Anyways, for op, I think this essay may be of interest to you with its discussion of the final few chapters; especially this bit where the writer quotes the late Thich Nhat Hanh:
Though the Bible values understanding, it prioritizes love above all. Jesus encourages his followers to love thy neighbor, no matter what, whether or not there is understanding. Alternately, in Living Buddha, Living Christ, Thich Nhat Hanh writes that “In Buddhism, understanding (prajña) is essential to love (maitri). Without understanding there cannot be true love, and without love there cannot be true understanding.” Perhaps the finale of Trigun Maximum is a blending of these two philosophies.
For me personally, the use of the Genesis allusions in the resolution of the story and the way that plants and humans switch around in acting as the god figure in relation to one another have stirred up thoughts about how there’s more of a push and pull in God’s relationship with humanity in the Tanakh or Hebrew Bible (which has the same books as the Protestant Old Testament but they’re arranged differently).
My knowledge of Judaism is pretty basic, so I’d love to hear from someone who can provide more perspective, but from what I do know, the Jewish approach to God differs from the Christian approach in that adherents are encouraged to question God (even the very existence of God is up for questioning). In Christianity, God is characterized as an all-powerful perfect being humans have to obey, but this characterization really involves a lot of retconning of the Jewish source material, because in those stories, God is not necessarily omnipotent or omnibenevolent.
In Genesis 3:22-23, God seems to express concern over the possibility of humans rivaling him.
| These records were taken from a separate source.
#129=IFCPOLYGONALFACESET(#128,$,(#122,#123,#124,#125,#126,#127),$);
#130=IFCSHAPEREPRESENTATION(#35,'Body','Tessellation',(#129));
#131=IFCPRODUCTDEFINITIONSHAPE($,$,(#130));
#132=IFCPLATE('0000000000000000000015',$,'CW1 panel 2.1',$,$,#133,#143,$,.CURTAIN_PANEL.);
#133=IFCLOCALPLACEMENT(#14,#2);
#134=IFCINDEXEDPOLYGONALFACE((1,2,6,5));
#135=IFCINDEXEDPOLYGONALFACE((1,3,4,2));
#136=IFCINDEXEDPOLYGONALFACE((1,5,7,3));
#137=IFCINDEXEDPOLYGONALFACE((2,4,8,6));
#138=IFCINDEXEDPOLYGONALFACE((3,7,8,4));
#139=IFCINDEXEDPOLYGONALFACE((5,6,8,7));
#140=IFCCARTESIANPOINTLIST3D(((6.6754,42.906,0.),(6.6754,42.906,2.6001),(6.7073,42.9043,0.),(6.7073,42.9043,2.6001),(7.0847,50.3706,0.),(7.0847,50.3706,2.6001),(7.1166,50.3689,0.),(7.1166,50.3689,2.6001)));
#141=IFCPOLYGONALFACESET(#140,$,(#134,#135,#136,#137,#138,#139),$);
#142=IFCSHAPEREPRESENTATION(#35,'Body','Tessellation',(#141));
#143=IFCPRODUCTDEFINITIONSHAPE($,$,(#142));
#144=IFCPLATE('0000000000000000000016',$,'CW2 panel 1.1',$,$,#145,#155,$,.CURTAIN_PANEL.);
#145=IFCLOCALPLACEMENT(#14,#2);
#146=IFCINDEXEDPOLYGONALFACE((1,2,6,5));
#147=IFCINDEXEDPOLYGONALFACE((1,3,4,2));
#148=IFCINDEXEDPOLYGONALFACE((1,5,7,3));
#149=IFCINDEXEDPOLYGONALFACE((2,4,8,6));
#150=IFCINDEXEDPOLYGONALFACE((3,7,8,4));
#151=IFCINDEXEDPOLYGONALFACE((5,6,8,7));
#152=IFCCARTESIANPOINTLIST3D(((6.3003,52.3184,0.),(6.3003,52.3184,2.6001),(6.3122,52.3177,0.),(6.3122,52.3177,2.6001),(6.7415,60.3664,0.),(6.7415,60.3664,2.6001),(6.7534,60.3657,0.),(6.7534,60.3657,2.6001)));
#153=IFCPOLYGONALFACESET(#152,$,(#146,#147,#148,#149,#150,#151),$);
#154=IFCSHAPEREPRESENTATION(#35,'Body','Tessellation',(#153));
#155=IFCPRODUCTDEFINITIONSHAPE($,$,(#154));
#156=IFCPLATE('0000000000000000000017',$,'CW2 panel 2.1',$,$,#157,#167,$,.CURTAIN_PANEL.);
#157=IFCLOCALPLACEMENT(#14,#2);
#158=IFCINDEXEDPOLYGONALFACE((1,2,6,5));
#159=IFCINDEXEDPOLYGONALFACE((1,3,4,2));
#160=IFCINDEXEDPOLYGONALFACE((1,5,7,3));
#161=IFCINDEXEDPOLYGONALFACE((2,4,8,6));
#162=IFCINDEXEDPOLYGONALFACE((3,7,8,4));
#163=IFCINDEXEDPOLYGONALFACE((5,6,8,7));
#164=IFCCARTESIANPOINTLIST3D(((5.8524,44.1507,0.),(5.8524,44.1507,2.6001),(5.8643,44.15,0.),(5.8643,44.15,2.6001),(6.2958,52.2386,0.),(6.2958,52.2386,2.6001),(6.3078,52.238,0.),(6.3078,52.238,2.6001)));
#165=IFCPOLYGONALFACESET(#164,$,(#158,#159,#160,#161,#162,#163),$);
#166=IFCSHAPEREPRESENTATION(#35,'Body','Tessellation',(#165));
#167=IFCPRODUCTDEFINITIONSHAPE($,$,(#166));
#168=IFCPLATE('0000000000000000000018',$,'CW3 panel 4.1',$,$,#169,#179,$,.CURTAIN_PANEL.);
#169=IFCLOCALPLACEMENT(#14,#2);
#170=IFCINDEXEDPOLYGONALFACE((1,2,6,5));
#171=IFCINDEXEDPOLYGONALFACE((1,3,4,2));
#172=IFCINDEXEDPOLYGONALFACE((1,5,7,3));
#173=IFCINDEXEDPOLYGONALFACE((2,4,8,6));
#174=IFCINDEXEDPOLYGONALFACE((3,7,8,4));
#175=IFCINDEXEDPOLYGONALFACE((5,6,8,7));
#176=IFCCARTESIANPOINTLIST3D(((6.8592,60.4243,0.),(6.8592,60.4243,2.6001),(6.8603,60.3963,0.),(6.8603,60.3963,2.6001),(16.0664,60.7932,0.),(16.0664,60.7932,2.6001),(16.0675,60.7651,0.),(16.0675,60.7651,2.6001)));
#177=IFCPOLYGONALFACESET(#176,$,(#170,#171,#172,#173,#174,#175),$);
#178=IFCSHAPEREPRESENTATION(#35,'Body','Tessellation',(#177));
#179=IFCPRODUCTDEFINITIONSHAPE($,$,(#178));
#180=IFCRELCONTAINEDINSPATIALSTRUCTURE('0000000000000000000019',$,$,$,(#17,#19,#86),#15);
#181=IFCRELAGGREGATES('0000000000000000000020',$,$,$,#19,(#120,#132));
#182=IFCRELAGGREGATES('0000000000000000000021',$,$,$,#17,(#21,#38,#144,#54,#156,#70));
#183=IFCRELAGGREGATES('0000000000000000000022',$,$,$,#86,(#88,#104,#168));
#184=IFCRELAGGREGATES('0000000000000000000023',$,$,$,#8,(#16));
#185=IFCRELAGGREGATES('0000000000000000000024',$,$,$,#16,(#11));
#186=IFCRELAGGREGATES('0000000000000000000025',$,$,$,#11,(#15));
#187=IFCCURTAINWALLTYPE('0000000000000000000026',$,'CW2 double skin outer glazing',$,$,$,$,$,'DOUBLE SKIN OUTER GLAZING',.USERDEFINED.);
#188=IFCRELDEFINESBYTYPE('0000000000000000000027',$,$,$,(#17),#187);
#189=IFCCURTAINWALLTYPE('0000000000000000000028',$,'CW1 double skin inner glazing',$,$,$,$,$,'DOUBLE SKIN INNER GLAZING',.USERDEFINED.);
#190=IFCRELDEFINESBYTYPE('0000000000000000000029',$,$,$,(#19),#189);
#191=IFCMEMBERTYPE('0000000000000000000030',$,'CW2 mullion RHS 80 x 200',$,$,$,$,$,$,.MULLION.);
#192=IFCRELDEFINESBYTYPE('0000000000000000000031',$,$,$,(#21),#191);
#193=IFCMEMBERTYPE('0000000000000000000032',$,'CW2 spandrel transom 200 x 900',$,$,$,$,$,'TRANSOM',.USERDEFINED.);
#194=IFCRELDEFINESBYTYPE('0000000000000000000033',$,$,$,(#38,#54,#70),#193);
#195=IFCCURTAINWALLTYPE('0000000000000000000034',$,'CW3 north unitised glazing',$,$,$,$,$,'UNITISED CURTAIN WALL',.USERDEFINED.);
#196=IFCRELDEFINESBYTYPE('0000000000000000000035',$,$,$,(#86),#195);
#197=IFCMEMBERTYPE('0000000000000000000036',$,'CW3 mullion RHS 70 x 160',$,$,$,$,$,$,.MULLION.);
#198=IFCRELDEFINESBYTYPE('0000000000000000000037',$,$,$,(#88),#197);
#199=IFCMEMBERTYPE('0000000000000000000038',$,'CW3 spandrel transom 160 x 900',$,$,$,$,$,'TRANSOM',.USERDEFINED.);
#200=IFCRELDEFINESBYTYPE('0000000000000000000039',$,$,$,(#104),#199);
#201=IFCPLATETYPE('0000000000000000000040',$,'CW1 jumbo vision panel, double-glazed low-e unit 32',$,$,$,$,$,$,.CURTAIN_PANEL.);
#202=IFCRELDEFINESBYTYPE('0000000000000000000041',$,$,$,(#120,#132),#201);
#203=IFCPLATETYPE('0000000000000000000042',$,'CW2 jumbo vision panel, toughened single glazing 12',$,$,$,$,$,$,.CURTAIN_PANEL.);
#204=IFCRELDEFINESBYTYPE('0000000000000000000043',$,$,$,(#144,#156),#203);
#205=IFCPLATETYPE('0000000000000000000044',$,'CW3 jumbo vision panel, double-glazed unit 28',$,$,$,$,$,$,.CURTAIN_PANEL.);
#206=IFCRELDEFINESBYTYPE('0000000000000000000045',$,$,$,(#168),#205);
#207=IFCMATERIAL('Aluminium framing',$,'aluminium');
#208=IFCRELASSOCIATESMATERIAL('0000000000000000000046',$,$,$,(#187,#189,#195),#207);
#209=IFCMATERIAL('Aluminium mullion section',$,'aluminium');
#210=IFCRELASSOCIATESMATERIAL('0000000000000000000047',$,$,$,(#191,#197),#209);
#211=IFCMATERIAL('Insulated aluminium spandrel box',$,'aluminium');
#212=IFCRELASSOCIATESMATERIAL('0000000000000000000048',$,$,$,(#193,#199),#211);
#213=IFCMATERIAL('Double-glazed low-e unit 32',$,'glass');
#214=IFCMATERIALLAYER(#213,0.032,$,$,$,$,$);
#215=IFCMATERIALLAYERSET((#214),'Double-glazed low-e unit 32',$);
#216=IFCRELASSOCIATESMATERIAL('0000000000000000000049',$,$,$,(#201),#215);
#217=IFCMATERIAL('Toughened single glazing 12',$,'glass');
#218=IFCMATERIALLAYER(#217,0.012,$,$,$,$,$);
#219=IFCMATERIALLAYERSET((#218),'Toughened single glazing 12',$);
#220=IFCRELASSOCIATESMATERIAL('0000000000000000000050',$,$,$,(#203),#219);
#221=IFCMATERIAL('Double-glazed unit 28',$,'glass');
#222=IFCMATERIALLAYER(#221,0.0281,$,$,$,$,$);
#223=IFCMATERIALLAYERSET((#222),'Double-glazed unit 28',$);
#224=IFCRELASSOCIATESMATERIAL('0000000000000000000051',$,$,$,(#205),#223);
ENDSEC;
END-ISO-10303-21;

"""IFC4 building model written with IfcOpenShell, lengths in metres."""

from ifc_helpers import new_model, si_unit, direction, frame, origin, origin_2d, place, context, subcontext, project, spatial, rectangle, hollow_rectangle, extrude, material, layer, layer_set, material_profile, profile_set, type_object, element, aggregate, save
From the NRSV translation:
(22) And the Lord God said, “The man has now become like one of us, knowing good and evil. He must not be allowed to reach out his hand and take also from the tree of life and eat, and live forever.” (23) So the Lord God banished him from the Garden of Eden to work the ground from which he had been taken.
But even with the banishment from the Garden of Eden and the whole Tower of Babel episode in which God voices his qualms about humanity becoming too powerful, God also has moments in which he welcomes it when people challenge him. Genesis 32:24-32 is the story of Jacob wrestling with God and insisting “I will not let you go unless you bless me,” and he gets his blessing. And it’s in these verses that we get an explanation for the meaning of the name Israel – “The one who strives with God” (from the notes of The New Oxford Annotated Bible).
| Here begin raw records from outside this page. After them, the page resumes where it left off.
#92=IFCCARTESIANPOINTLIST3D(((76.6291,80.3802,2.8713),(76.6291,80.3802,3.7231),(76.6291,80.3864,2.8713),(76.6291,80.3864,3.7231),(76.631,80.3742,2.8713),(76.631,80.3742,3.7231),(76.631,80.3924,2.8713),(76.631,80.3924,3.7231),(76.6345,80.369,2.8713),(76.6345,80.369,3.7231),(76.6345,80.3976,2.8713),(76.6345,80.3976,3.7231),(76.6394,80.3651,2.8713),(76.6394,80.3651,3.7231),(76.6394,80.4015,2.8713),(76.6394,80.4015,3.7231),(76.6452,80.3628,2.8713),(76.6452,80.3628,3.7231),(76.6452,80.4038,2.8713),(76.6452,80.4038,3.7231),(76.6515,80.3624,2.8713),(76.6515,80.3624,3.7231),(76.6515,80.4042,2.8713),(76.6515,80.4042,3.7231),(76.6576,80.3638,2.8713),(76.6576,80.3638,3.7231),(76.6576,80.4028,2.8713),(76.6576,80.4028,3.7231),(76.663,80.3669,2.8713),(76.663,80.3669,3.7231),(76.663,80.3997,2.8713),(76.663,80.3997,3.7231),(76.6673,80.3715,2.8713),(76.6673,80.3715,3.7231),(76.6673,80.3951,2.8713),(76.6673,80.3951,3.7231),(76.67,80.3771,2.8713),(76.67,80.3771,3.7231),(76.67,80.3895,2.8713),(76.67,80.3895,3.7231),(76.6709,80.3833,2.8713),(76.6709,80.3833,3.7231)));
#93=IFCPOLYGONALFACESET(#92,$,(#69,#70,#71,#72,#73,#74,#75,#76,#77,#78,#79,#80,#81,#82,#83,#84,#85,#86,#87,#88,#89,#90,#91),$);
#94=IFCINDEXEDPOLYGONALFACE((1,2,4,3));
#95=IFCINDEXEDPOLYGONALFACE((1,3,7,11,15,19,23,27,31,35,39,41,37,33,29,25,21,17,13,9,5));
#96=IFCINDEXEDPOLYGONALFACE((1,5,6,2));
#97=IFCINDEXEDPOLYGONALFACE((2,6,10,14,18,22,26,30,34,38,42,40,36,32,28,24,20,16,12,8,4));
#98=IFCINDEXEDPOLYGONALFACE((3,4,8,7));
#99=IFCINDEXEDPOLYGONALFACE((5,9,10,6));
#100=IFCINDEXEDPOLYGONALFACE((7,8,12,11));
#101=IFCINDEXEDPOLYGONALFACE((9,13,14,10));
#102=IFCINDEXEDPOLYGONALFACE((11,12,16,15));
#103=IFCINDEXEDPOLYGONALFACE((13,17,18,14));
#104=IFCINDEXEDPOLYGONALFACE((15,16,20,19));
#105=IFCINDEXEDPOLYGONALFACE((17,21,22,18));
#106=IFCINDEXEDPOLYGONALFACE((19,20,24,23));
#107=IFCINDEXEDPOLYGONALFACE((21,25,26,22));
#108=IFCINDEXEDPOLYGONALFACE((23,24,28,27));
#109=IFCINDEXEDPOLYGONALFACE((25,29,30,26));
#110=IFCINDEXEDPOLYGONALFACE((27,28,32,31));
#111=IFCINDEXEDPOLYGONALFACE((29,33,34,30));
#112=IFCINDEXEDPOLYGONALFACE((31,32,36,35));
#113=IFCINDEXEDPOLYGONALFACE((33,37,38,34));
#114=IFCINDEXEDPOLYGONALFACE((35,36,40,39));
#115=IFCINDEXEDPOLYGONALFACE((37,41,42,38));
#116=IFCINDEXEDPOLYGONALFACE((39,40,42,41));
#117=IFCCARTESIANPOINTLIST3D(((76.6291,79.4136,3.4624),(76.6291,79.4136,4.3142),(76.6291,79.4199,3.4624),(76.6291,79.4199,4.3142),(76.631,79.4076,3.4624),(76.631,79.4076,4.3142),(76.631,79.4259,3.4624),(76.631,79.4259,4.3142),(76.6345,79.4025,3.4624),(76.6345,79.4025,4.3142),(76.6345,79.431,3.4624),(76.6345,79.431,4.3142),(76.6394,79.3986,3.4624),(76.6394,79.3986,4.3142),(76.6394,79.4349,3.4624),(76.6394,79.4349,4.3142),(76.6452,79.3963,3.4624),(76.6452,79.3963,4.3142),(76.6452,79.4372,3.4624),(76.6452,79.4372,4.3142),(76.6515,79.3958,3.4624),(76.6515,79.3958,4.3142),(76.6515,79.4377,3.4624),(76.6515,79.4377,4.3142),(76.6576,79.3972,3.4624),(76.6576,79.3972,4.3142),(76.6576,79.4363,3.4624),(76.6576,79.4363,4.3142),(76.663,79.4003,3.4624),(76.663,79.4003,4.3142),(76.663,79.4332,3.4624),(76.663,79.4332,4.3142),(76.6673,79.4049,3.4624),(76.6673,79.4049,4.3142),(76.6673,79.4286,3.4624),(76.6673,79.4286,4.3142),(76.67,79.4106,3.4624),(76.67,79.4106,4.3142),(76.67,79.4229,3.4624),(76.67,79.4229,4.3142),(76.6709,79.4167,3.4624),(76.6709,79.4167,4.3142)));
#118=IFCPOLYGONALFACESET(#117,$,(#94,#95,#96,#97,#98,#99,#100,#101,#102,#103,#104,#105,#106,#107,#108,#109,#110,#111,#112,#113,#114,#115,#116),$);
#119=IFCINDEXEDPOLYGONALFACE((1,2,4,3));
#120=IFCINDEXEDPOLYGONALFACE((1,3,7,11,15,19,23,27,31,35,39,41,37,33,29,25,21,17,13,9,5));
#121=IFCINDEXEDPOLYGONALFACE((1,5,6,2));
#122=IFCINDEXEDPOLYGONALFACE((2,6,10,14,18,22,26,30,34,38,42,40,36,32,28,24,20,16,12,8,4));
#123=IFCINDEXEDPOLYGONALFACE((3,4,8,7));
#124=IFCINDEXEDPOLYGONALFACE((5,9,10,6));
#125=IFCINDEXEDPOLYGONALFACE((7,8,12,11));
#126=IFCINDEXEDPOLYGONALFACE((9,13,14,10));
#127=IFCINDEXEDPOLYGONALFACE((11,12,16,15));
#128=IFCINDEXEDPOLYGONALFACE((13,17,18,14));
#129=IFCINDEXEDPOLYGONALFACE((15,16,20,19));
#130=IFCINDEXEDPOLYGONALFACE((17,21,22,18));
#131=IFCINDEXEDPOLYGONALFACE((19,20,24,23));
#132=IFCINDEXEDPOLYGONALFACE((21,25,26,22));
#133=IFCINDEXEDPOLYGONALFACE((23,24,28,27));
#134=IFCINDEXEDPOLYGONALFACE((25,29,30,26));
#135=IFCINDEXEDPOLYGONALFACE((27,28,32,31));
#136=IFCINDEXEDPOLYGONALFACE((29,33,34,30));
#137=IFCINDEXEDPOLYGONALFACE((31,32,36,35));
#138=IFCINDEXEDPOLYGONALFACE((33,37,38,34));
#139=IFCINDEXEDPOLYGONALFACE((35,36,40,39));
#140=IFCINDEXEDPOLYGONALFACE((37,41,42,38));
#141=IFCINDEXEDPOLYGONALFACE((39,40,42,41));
And what is Trigun but a story of striving between creator and creation? There’s plenty of contentious striving, full of pain and conflict, but there’s also the striving for understanding – a struggle to truly KNOW the other so that together, they may have a chance at building a more mutually beneficial future.
TLDR: I think the relationship of mutual contention between God and mankind as seen in the Hebrew Bible is a better analogy for the humans vs plants conflict than the Christian view of original sin cutting people off from a perfect supreme authority.